SYNCRETISM AND POLYTHEISM

THE material progress made by man, as he advanced from the material basis of subsistence on roots, fruits, and the chase, first to pastoral and then to agricultural life, required that he should make an ever-increasing use for his own ends of natural forces. These forces were to him living beings with superhuman powers, of whom he stood in dread, but whose co-operation he required. Without some confidence that it was possible, if he set about it in the right way, to secure their favour and assistance, his efforts would have been paralysed. That confidence was given him by religion; he was brought into friendly relations with powers from which, in his previously narrow circle of interests, he had had little to hope or to gain; and thus the number of his gods had been increased.

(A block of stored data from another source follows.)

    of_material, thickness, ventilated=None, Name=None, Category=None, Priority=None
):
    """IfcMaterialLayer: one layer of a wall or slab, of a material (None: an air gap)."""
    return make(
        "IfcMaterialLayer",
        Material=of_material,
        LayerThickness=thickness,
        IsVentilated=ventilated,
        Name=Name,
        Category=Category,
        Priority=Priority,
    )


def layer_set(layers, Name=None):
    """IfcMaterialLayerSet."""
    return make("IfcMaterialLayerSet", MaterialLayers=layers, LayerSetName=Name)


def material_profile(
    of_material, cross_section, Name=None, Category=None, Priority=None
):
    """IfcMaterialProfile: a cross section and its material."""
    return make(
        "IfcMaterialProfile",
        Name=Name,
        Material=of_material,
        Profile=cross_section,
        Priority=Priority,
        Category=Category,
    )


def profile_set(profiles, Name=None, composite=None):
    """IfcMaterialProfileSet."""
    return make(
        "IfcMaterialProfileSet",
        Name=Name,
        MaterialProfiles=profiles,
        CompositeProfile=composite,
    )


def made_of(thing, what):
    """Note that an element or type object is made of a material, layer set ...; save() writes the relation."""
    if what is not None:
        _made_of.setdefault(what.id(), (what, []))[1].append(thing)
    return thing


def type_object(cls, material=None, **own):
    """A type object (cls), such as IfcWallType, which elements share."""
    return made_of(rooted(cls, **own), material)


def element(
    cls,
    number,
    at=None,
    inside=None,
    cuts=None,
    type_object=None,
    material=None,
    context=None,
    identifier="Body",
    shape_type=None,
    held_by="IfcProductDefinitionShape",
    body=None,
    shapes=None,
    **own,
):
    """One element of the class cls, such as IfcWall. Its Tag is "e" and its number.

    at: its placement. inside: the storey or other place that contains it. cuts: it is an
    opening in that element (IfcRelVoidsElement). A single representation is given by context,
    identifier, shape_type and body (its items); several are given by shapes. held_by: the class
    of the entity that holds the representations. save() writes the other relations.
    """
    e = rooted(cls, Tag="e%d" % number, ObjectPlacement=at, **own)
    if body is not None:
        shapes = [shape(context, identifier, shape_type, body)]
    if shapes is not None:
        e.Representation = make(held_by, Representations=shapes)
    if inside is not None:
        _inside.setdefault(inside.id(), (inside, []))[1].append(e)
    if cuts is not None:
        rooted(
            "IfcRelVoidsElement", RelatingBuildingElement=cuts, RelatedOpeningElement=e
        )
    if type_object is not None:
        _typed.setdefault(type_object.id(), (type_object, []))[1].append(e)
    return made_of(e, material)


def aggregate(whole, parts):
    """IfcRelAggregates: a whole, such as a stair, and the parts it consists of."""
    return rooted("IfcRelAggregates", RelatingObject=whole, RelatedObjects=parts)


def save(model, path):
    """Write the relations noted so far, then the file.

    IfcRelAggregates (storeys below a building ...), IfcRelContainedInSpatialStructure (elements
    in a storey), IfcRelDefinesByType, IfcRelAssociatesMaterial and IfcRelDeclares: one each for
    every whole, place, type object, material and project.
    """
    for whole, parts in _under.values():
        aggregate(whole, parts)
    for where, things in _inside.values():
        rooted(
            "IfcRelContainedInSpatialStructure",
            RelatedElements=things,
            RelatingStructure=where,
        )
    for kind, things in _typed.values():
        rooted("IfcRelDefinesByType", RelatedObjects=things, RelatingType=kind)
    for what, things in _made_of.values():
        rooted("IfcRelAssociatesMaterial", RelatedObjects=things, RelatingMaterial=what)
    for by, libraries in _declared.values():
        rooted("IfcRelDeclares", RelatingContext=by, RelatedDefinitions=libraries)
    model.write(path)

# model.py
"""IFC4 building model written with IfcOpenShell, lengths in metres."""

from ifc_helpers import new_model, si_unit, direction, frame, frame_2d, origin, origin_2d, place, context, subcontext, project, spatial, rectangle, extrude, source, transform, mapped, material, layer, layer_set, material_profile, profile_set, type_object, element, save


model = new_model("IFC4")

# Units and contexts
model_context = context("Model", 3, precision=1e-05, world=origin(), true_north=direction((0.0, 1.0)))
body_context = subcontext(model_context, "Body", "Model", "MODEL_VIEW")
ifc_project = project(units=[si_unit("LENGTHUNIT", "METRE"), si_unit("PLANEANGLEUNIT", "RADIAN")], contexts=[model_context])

Pastoral life and even a rudimentary form of agriculture are compatible with a wandering mode of existence, in which the sole ties that can keep society together are the bonds of blood-kinship and a common cult. But the development of agriculture is only possible when the tribe is permanently settled in a fixed abode; and then it becomes possible for neighbours, not of kindred blood, to unite in one community. In a word, political progress becomes possible; and political progress at this stage consists in the fusion or synoikismos of several tribes into a single State. This process also had its effect upon religion: a clan is a religious community as well as a body of kinsmen, and the fusion of two clans implied the fusion of their respective cults. In many cases the resemblances of the two cults may well have been so great as rather to promote than hinder the alliance; thus when

we find, as occasionally happens, that in some villages two May-poles (survivals of tree-worship) are used at a harvest festival instead of one, the inference1 rightly seems to be that two communities, both worshipping trees, if not the same species of tree, have in neighbourliness united their worship. Or, again, when we find that the branch which the treeworshipper annually carries round the community, in order that the spirit present in it may confer blessings on all to whom it is presented, is hung with various kinds of fruits and associated with cereals, we may infer that tree-worshipper and plant-worshipper have found no difficulty in uniting in a joint festival and common act of worship. So, too, in the Lithuanian Samborios, the Athenian Pyanepsion, and the Mexican offering to Chicomecoatl, the common feature is that cereals and leguminous plants of all kind are combined in one offering; and the implication is that the festival was one common to all the cultivators and worshippers of the various plants represented in the offering.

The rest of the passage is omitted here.